Why I Added Pre-Generated Audio to Interview Aloud
One of the core ideas behind interview-aloud is simple:
knowing an answer isn’t the same as being able to say it out loud.
Reading silently gives you a false sense of confidence. Speaking forces clarity. That’s why audio matters in this project.
The problem with built-in speech synthesis
At first, Interview Aloud relied entirely on the browser’s built-in speech synthesis APIs. They’re convenient and widely available, but in practice they come with some real issues:
- The voice often sounds robotic and unnatural
- Quality varies a lot between browsers and operating systems
- The same content can sound completely different on a Mac, Windows machine, or mobile device
- Some voices are fast, some are flat, some are hard to follow
This inconsistency breaks the learning experience. When you’re practicing interview answers, your brain is already busy structuring thoughts — fighting against poor audio quality doesn’t help.
What I wanted instead
I wanted audio that is:
- More human-like
- Consistent across devices
- Predictable and controlled
- Available instantly without runtime surprises
At the same time, I didn’t want to introduce runtime complexity, latency, or ongoing infrastructure costs just to play audio.

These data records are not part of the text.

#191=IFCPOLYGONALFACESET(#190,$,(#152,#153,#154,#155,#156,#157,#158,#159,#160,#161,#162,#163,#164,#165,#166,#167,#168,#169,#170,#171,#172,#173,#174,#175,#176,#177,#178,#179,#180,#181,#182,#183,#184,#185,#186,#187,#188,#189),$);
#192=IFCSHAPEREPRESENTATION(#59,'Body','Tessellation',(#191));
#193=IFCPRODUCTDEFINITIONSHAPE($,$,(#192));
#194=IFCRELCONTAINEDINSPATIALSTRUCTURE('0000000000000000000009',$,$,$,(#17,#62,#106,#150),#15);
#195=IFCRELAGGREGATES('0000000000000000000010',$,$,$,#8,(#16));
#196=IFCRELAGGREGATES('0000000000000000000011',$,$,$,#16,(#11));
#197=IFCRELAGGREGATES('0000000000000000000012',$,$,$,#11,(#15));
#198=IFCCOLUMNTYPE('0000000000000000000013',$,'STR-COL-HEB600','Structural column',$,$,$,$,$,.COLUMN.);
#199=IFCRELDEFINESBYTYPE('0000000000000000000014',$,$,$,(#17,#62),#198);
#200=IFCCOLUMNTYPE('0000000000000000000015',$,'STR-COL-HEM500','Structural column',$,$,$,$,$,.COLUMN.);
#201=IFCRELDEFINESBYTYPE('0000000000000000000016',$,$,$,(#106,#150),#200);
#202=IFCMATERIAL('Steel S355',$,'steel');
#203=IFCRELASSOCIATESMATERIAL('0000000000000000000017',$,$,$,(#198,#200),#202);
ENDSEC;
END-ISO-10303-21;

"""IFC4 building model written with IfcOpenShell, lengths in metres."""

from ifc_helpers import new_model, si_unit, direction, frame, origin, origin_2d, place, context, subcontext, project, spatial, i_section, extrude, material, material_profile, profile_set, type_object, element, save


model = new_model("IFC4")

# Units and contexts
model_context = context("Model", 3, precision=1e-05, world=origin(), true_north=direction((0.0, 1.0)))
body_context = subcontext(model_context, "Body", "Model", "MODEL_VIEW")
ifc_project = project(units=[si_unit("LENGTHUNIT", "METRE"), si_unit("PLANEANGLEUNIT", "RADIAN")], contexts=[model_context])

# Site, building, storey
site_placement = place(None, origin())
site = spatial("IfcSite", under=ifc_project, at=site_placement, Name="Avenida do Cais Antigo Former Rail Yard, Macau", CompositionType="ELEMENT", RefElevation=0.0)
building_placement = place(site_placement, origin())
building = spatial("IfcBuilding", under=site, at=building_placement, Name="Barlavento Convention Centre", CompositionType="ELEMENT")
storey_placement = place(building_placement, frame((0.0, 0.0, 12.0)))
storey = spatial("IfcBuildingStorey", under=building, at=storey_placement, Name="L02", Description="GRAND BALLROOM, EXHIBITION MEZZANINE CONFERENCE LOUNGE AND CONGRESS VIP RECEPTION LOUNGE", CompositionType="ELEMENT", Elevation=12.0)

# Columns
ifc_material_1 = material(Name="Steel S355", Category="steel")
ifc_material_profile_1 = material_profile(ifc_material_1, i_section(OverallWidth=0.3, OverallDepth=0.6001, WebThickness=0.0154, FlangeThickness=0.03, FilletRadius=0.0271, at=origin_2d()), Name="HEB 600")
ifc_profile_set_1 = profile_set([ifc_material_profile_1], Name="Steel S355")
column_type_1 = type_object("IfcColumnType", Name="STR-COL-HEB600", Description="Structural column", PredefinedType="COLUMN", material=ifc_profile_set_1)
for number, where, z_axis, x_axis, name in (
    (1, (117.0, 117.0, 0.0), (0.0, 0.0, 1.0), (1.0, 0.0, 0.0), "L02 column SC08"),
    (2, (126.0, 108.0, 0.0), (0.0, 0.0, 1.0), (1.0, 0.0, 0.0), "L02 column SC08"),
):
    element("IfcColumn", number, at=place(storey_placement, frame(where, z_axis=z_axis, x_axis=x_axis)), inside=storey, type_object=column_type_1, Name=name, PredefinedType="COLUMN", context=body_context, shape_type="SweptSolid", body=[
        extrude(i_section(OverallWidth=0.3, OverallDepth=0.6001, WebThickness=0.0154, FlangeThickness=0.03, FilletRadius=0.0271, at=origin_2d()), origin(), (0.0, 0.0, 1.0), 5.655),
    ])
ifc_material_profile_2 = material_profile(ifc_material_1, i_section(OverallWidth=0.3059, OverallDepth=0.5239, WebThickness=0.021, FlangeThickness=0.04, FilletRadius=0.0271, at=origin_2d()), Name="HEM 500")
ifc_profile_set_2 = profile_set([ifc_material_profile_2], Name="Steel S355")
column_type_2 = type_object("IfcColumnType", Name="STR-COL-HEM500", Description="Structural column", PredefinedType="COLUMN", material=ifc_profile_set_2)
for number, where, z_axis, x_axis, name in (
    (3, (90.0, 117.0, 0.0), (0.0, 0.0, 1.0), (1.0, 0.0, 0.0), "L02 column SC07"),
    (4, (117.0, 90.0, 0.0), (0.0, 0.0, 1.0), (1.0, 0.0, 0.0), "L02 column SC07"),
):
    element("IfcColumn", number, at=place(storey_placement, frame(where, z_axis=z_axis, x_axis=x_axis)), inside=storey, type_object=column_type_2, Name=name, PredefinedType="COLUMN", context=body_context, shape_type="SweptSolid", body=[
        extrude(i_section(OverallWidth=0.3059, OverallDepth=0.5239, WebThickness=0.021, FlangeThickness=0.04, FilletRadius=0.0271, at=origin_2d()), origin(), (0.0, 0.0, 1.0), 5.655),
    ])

Choosing Google Cloud Text-to-Speech
I decided to use Google Cloud Text-to-Speech for generating the audio.
Two reasons made it a good fit for this project:
- The voices sound noticeably more natural than most built-in browser options
- The free tier is very generous, especially for a static-content use case like this
Since Interview Aloud is mostly text-based and changes infrequently, this approach keeps costs low while still improving quality significantly.
The solution: pre-generated audio at build time
Instead of generating audio on demand, everything happens during the build:
- Audio is generated at build time
- Each interview topic maps to a deterministic audio file name
- Files are stored in the
publicdirectory and served statically - If an audio file already exists, generation is skipped
- Playback always prefers the pre-generated audio
- Browser speech synthesis is kept as a fallback when audio files are missing
This makes the system very cost-effective:
- No runtime API calls
- No repeated TTS requests for the same content
- No surprise bills from traffic spikes
Once an audio file exists, it’s reused forever unless the content changes.
Refactoring without breaking things
Under the hood, the speech logic was refactored so that:
- Pre-generated audio is always checked first
- Existing speech synthesis behavior remains intact
- The rest of the app doesn’t need to know which path is used
This keeps backward compatibility and makes the feature additive rather than disruptive.
Why this matters for interview practice
Interviews are stressful partly because they’re spoken, not written.
Hearing a clear, natural explanation — then responding out loud — helps train the right mental pathways.
This change isn’t flashy, but it improves the core experience in a way that aligns closely with why Interview Aloud exists in the first place.
More consistency. Less friction. Better practice.
That’s the goal.